Será que em 2014 estaremos preparados para explorar todo o potencial do Mobile Marketing?
De acordo com os dados de novembro de 2008 da Teleco estima-se que a penetração será de 100% e o celular será a plataforma de comunicação dominante no Brasil. Atualmente, mesmo com este cenário em ebulição, o Mobile Marketing continua com baixos investimentos.
Seja por parte das operadoras que detêm a tecnologia e os dados, e não os exploram da forma correta para a publicidade ou por parte dos anunciantes, que ainda vêem esta mídia com certo receio, assim como outras mídias digitais, que já estão presentes vinte e quatro horas por dia e sete dias por semana na vida dos brasileiros.
Novas tecnologias estão surgindo e prometem dar outro rumo ao desenvolvimento da área. Cito como ponto chave as tecnologias voltadas ao próprio sistema telefônico, como é o caso do 3G que promete revolucionar o modo do celular ser encarado pelos seus usuários, bem como plataformas de tecnologias voltadas a publicidade online específicas para mobile, que permitem inovar ao identificar usuários únicos, possibilitando o behavioral marketing via mobile, além da técnica de Engagement Map, que permite identificar todos os impactos responsáveis para gerar determinada conversão/venda/cadastro e não apenas o último anúncio visto ou clicado, como o atual padrão do mercado. Com isso novas oportunidades se abrem para anunciantes e veículos, que tem agora em a possibilidade de trabalhar com um adserver montado para o universo mobile.

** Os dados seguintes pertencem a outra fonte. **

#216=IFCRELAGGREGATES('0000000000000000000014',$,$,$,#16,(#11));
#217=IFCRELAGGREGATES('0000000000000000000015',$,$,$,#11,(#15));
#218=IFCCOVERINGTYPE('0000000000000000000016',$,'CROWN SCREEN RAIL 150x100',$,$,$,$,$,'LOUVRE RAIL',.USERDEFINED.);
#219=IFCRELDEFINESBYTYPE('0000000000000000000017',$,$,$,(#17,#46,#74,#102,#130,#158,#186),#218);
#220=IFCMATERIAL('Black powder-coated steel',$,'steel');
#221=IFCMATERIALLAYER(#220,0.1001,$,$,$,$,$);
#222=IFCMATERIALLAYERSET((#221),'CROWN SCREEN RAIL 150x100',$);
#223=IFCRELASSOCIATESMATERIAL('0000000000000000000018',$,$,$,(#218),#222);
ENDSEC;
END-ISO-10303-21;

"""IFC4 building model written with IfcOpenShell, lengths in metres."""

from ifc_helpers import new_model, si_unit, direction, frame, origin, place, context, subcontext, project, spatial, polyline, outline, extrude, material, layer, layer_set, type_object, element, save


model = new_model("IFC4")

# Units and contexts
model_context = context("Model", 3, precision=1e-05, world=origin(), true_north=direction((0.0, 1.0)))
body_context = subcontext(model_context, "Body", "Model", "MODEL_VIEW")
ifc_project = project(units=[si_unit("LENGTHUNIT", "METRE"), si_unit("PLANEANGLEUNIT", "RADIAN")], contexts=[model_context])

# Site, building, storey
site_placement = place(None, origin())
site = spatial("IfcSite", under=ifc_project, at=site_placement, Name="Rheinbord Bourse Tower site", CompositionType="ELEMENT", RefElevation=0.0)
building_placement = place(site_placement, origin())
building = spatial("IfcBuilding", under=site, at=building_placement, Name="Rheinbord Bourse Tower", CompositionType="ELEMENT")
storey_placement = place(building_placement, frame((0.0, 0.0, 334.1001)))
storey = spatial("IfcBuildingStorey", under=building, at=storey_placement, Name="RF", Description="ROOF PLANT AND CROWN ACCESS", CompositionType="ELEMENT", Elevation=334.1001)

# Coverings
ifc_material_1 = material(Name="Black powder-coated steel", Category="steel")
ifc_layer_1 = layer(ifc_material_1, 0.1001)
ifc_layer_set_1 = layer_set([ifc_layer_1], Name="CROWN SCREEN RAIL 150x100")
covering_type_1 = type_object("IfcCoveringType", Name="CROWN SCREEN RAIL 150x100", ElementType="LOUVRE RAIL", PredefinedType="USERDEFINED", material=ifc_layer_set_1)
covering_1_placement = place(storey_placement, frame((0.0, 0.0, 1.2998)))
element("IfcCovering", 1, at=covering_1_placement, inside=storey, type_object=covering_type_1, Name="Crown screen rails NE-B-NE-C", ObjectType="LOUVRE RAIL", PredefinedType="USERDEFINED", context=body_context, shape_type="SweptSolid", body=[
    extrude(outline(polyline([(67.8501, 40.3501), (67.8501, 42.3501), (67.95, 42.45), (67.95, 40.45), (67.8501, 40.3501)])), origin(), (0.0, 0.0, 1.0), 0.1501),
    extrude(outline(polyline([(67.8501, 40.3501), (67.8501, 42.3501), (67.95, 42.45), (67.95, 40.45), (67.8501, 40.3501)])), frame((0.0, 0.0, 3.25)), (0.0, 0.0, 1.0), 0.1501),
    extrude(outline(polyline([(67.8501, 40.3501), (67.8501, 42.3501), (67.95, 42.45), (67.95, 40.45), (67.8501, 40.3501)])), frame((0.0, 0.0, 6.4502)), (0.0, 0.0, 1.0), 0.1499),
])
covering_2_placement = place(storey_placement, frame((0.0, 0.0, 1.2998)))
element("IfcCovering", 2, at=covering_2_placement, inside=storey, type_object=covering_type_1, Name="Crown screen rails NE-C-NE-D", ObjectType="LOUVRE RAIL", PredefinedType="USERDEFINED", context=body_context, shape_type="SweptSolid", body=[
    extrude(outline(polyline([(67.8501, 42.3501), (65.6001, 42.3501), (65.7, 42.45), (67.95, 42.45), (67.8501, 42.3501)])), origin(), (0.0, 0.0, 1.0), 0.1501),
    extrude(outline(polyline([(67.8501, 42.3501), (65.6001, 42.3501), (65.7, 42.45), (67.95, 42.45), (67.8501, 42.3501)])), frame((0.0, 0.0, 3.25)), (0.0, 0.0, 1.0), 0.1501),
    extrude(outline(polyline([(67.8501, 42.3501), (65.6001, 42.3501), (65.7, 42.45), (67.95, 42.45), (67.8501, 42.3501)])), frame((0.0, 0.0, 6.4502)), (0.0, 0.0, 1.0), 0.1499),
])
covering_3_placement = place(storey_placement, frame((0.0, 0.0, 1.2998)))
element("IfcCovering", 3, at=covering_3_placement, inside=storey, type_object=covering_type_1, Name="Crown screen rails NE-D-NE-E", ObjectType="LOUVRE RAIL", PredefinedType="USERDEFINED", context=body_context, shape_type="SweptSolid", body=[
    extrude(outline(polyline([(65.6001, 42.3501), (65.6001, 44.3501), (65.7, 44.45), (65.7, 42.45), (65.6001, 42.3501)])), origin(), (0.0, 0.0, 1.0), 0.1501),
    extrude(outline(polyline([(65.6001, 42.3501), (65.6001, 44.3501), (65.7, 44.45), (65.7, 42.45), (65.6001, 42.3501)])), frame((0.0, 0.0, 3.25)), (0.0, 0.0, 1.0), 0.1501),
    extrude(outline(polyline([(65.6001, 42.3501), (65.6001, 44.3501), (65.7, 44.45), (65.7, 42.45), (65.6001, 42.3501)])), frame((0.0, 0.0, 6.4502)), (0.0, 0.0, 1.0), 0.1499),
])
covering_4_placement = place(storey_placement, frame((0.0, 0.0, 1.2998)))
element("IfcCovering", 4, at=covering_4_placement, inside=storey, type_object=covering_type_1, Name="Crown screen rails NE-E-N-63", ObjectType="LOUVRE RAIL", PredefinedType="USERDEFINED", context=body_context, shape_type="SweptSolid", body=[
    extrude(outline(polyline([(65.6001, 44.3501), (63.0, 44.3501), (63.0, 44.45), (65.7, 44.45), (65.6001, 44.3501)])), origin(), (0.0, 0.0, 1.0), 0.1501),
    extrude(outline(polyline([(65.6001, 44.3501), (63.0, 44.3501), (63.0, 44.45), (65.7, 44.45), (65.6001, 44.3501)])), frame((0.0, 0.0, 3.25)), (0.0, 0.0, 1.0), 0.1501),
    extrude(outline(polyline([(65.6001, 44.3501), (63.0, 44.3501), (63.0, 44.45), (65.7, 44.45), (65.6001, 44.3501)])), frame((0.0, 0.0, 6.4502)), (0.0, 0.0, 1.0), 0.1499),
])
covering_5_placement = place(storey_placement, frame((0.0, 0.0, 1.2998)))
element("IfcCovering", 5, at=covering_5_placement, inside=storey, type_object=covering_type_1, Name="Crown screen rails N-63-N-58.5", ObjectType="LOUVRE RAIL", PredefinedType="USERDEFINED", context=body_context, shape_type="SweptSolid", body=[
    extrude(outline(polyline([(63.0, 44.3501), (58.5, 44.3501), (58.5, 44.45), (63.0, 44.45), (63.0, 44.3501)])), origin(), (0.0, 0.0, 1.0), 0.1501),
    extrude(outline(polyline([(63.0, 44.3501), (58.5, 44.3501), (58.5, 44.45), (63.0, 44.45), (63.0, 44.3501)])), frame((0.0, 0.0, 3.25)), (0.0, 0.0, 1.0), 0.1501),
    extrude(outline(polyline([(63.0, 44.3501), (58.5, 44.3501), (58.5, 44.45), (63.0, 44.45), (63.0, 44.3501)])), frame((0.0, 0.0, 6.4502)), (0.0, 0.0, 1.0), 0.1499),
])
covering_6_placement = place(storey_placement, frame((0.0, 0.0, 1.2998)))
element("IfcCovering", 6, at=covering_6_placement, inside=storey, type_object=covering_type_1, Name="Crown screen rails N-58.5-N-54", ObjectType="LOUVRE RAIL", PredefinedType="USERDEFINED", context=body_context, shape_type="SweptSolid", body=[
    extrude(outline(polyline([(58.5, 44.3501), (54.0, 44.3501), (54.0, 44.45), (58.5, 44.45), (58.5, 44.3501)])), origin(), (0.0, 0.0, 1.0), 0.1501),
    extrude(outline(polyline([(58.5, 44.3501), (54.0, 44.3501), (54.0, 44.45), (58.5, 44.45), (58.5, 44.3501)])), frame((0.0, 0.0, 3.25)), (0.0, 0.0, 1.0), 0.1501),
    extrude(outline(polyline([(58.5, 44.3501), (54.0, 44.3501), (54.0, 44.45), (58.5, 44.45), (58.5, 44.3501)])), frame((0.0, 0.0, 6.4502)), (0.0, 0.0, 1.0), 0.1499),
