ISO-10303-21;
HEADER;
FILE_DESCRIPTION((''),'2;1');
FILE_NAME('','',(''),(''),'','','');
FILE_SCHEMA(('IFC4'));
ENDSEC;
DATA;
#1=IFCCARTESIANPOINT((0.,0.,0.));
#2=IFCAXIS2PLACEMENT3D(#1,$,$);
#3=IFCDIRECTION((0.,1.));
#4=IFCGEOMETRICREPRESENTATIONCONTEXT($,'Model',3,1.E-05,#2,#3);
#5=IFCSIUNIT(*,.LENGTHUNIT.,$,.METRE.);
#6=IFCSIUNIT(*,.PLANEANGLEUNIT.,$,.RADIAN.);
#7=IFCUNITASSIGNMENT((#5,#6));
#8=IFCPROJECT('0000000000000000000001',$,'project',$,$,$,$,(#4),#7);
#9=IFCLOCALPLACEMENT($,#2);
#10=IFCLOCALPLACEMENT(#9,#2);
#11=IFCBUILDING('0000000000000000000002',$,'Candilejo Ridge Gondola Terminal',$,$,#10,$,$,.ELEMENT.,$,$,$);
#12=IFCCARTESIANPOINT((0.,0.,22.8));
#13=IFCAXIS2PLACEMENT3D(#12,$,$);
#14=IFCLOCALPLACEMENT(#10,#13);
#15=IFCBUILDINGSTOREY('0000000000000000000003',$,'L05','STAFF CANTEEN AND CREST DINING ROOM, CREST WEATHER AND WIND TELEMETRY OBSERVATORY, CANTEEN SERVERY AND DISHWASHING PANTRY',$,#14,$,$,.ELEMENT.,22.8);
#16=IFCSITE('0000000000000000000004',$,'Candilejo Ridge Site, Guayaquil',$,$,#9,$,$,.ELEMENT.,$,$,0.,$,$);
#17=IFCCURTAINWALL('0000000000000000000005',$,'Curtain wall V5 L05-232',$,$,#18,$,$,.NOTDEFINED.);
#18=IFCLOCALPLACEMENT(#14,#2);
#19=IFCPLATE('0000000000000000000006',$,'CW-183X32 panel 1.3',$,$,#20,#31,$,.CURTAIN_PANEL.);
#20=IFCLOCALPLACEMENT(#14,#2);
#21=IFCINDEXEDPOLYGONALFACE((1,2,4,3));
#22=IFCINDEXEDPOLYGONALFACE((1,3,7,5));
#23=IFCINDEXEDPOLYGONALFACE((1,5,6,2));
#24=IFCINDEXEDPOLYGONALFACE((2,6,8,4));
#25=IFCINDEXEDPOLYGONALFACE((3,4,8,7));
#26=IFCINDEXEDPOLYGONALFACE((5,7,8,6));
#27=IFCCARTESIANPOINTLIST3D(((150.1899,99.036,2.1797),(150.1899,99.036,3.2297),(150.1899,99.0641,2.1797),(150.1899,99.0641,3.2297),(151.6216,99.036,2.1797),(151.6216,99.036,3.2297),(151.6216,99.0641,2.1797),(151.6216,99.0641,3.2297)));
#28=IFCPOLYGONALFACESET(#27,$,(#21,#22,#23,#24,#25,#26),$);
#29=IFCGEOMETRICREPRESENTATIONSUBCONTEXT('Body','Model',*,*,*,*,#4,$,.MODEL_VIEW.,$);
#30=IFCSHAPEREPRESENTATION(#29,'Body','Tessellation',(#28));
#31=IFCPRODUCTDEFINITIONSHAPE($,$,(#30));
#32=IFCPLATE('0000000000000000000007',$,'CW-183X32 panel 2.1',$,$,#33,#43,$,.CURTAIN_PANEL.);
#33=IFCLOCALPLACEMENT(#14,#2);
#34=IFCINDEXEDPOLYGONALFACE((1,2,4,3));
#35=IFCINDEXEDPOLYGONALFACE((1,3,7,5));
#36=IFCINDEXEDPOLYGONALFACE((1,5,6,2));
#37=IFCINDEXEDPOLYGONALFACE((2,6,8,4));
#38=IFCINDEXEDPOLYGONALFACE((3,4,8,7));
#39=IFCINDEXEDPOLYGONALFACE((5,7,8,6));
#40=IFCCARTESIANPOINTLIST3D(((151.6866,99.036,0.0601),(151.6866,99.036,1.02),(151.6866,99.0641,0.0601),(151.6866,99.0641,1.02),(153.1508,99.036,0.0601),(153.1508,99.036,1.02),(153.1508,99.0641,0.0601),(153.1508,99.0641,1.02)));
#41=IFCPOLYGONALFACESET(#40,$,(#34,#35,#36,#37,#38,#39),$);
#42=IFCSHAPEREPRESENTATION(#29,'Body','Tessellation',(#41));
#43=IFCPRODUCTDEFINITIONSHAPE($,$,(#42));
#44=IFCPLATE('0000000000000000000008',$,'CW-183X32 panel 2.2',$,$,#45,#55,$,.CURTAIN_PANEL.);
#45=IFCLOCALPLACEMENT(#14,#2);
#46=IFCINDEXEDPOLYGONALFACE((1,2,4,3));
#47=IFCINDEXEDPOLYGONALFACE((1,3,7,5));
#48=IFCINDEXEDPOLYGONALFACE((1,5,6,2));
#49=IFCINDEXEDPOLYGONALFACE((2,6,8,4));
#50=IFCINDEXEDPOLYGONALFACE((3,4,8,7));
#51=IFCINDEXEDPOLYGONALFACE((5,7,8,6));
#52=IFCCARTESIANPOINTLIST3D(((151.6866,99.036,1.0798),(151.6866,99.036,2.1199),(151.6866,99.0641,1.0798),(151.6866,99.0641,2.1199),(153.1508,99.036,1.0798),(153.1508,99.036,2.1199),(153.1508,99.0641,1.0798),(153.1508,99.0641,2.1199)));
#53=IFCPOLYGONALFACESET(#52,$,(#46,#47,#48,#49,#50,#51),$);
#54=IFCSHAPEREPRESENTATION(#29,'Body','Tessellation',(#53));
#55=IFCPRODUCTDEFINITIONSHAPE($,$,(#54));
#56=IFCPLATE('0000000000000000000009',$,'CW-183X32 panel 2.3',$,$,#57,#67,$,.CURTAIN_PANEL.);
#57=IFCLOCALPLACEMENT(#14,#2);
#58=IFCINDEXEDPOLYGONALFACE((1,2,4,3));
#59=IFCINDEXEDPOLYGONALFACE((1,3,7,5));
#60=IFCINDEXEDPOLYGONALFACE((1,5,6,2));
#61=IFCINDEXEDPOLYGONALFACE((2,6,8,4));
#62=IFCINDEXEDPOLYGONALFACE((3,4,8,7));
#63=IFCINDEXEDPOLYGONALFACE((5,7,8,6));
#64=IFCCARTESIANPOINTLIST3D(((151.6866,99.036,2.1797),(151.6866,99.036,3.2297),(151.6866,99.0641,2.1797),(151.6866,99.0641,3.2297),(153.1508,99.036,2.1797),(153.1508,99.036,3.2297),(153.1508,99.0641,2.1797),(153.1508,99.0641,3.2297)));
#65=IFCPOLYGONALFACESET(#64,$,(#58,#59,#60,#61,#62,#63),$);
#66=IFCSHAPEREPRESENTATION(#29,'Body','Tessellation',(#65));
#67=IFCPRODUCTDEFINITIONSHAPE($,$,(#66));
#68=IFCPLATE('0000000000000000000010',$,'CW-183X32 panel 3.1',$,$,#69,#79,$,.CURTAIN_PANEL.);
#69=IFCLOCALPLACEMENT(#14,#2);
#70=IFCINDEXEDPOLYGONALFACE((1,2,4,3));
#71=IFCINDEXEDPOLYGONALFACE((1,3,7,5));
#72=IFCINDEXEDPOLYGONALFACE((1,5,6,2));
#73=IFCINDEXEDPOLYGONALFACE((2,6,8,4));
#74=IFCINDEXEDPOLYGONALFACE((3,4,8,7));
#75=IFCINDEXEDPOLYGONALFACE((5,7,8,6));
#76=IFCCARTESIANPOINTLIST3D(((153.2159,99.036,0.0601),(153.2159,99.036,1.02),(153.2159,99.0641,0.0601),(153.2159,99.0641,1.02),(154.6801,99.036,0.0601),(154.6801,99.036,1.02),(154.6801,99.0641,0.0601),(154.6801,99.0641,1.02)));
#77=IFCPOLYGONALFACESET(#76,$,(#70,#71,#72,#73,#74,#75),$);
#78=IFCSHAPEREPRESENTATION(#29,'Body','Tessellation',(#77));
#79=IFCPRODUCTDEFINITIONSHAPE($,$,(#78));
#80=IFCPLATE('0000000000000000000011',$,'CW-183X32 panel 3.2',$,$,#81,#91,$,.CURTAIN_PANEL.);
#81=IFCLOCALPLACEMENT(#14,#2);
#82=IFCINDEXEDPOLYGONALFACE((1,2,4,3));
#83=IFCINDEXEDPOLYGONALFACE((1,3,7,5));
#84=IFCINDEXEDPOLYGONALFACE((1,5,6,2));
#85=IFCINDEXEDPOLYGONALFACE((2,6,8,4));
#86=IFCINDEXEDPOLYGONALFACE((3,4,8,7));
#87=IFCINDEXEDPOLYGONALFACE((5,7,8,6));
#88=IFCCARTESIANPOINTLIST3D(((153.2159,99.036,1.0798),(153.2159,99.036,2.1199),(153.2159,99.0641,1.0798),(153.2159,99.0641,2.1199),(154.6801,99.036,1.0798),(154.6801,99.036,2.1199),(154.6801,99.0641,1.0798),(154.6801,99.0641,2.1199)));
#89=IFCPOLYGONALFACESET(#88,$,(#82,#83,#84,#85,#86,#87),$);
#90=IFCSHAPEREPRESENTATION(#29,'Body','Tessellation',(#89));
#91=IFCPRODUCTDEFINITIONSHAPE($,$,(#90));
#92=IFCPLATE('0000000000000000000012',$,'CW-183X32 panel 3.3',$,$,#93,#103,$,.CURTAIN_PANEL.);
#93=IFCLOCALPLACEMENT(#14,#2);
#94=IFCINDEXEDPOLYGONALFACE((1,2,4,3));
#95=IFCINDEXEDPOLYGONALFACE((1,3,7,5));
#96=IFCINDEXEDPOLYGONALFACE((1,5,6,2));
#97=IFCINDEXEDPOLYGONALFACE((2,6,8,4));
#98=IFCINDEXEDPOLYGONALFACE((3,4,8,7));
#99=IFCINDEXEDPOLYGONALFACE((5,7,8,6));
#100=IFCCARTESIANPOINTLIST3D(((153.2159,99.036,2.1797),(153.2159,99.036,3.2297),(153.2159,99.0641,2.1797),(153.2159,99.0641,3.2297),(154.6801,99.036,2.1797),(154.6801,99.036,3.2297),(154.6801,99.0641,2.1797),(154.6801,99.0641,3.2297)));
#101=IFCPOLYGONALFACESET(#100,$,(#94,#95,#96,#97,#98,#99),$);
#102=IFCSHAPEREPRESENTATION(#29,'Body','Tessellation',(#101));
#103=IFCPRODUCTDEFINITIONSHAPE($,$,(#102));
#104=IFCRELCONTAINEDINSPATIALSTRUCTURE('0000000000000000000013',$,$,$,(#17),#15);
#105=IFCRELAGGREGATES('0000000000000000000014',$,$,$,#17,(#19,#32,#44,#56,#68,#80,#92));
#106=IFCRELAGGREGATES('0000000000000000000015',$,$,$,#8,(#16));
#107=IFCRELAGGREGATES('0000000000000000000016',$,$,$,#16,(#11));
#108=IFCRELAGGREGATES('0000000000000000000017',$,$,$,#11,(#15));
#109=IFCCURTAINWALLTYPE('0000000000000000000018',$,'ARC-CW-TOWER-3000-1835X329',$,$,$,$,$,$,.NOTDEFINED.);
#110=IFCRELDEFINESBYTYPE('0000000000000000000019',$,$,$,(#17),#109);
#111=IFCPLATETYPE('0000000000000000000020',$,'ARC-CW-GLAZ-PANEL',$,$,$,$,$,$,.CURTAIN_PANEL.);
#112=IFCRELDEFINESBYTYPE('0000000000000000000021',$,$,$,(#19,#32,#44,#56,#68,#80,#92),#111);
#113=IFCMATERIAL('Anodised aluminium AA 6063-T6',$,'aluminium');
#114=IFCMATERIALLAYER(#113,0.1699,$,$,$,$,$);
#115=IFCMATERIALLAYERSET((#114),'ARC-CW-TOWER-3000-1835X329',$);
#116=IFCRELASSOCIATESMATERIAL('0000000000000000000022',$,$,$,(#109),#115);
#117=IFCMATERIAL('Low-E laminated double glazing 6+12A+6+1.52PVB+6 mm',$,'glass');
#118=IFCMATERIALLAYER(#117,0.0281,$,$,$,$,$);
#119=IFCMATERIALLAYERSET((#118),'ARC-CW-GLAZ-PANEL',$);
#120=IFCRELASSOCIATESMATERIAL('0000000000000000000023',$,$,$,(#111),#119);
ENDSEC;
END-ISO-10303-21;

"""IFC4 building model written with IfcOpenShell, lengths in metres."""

from ifc_helpers import new_model, si_unit, direction, frame, origin, origin_2d, place, context, subcontext, project, spatial, rectangle, extrude, material, layer, layer_set, type_object, element, aggregate, save


model = new_model("IFC4")

# Units and contexts
model_context = context("Model", 3, precision=1e-05, world=origin(), true_north=direction((0.0, 1.0)))
body_context = subcontext(model_context, "Body", "Model", "MODEL_VIEW")
ifc_project = project(units=[si_unit("LENGTHUNIT", "METRE"), si_unit("PLANEANGLEUNIT", "RADIAN")], contexts=[model_context])

# Site, building, storey
site_placement = place(None, origin())
site = spatial("IfcSite", under=ifc_project, at=site_placement, Name="Candilejo Ridge Site, Guayaquil", CompositionType="ELEMENT", RefElevation=0.0)
building_placement = place(site_placement, origin())
building = spatial("IfcBuilding", under=site, at=building_placement, Name="Candilejo Ridge Gondola Terminal", CompositionType="ELEMENT")
storey_placement = place(building_placement, frame((0.0, 0.0, 22.8)))
storey = spatial("IfcBuildingStorey", under=building, at=storey_placement, Name="L05", Description="STAFF CANTEEN AND CREST DINING ROOM, CREST WEATHER AND WIND TELEMETRY OBSERVATORY, CANTEEN SERVERY AND DISHWASHING PANTRY", CompositionType="ELEMENT", Elevation=22.8)

# Curtain wall, plates
ifc_material_1 = material(Name="Anodised aluminium AA 6063-T6", Category="aluminium")
ifc_layer_1 = layer(ifc_material_1, 0.1699)
ifc_layer_set_1 = layer_set([ifc_layer_1], Name="ARC-CW-TOWER-3000-1835X329")
curtain_wall_type = type_object("IfcCurtainWallType", Name="ARC-CW-TOWER-3000-1835X329", PredefinedType="NOTDEFINED", material=ifc_layer_set_1)
curtain_wall_placement = place(storey_placement, origin())
curtain_wall = element("IfcCurtainWall", 1, at=curtain_wall_placement, inside=storey, type_object=curtain_wall_type, Name="Curtain wall V5 L05-232", PredefinedType="NOTDEFINED")
ifc_material_2 = material(Name="Low-E laminated double glazing 6+12A+6+1.52PVB+6 mm", Category="glass")
ifc_layer_2 = layer(ifc_material_2, 0.0281)
ifc_layer_set_2 = layer_set([ifc_layer_2], Name="ARC-CW-GLAZ-PANEL")
plate_type = type_object("IfcPlateType", Name="ARC-CW-GLAZ-PANEL", PredefinedType="CURTAIN_PANEL", material=ifc_layer_set_2)
plate_1_placement = place(storey_placement, frame((150.9058, 99.05, 2.1797), z_axis=(0.0, 0.0, 1.0), x_axis=(1.0, 0.0, 0.0)))
plate_1 = element("IfcPlate", 2, at=plate_1_placement, type_object=plate_type, Name="CW-183X32 panel 1.3", PredefinedType="CURTAIN_PANEL", context=body_context, shape_type="SweptSolid", body=[
    extrude(rectangle(XDim=1.4316, YDim=0.0281, at=origin_2d()), origin(), (0.0, 0.0, 1.0), 1.05),
])
plate_2_placement = place(storey_placement, frame((152.4187, 99.05, 0.0601), z_axis=(0.0, 0.0, 1.0), x_axis=(1.0, 0.0, 0.0)))
plate_2 = element("IfcPlate", 3, at=plate_2_placement, type_object=plate_type, Name="CW-183X32 panel 2.1", PredefinedType="CURTAIN_PANEL", context=body_context, shape_type="SweptSolid", body=[
    extrude(rectangle(XDim=1.4641, YDim=0.0281, at=origin_2d()), origin(), (0.0, 0.0, 1.0), 0.96),
])
plate_3_placement = place(storey_placement, frame((152.4187, 99.05, 1.0798), z_axis=(0.0, 0.0, 1.0), x_axis=(1.0, 0.0, 0.0)))
plate_3 = element("IfcPlate", 4, at=plate_3_placement, type_object=plate_type, Name="CW-183X32 panel 2.2", PredefinedType="CURTAIN_PANEL", context=body_context, shape_type="SweptSolid", body=[
    extrude(rectangle(XDim=1.4641, YDim=0.0281, at=origin_2d()), origin(), (0.0, 0.0, 1.0), 1.04),
])
plate_4_placement = place(storey_placement, frame((152.4187, 99.05, 2.1797), z_axis=(0.0, 0.0, 1.0), x_axis=(1.0, 0.0, 0.0)))
plate_4 = element("IfcPlate", 5, at=plate_4_placement, type_object=plate_type, Name="CW-183X32 panel 2.3", PredefinedType="CURTAIN_PANEL", context=body_context, shape_type="SweptSolid", body=[
    extrude(rectangle(XDim=1.4641, YDim=0.0281, at=origin_2d()), origin(), (0.0, 0.0, 1.0), 1.05),
])
plate_5_placement = place(storey_placement, frame((153.948, 99.05, 0.0601), z_axis=(0.0, 0.0, 1.0), x_axis=(1.0, 0.0, 0.0)))
plate_5 = element("IfcPlate", 6, at=plate_5_placement, type_object=plate_type, Name="CW-183X32 panel 3.1", PredefinedType="CURTAIN_PANEL", context=body_context, shape_type="SweptSolid", body=[
    extrude(rectangle(XDim=1.4641, YDim=0.0281, at=origin_2d()), origin(), (0.0, 0.0, 1.0), 0.96),
])
plate_6_placement = place(storey_placement, frame((153.948, 99.05, 1.0798), z_axis=(0.0, 0.0, 1.0), x_axis=(1.0, 0.0, 0.0)))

O sucesso inicial de agências publicitárias Mobile brasileiras (tais como Pontomobi e Hands) e a chegada da MMA ao Brasil confirmam um pouco a começo da mudança deste cenário. E até mesmo a crise, que tende a diminuir as verbas publicitárias, pode alavancar ainda mais o mercado graças ao baixo custo.
A grande transição do modelo de Mobile Marketing, de mídia de nichos a mídia de massa, ainda está longe de acontecer e muito tem que ser moldado neste mercado: ainda não existem formatos padronizados, métricas são raramente discutidas e pouco se sabe em como analisar o retorno das ações.
No atual cenário o maior volume da publicidade móvel brasileira ainda é feita através de SMS e ações Bluetooth, sendo que as primeiras investidas em WAP resultaram em resultados excepcionais, pelo menos no quesito tráfego (Clicks). Exemplo de como as agências brasileiras vem utilizando o Mobile Marketing não faltam. Posso citar dois que vivenciei:
- A lanchonete The Fifities da Vila Olimpia em São Paulo oferece a todos seus clientes, via Bluetooth, “gifts” relacionados à empresa e ao Natal, tais como uma animação (em gif.) de seu produto natalino (Christmas Burguer), wallpaper e um Cartão digital (vcf) com o número do delivery, oferecendo assim um link para a continuidade do relacionamento e mais receita de um mesmo cliente.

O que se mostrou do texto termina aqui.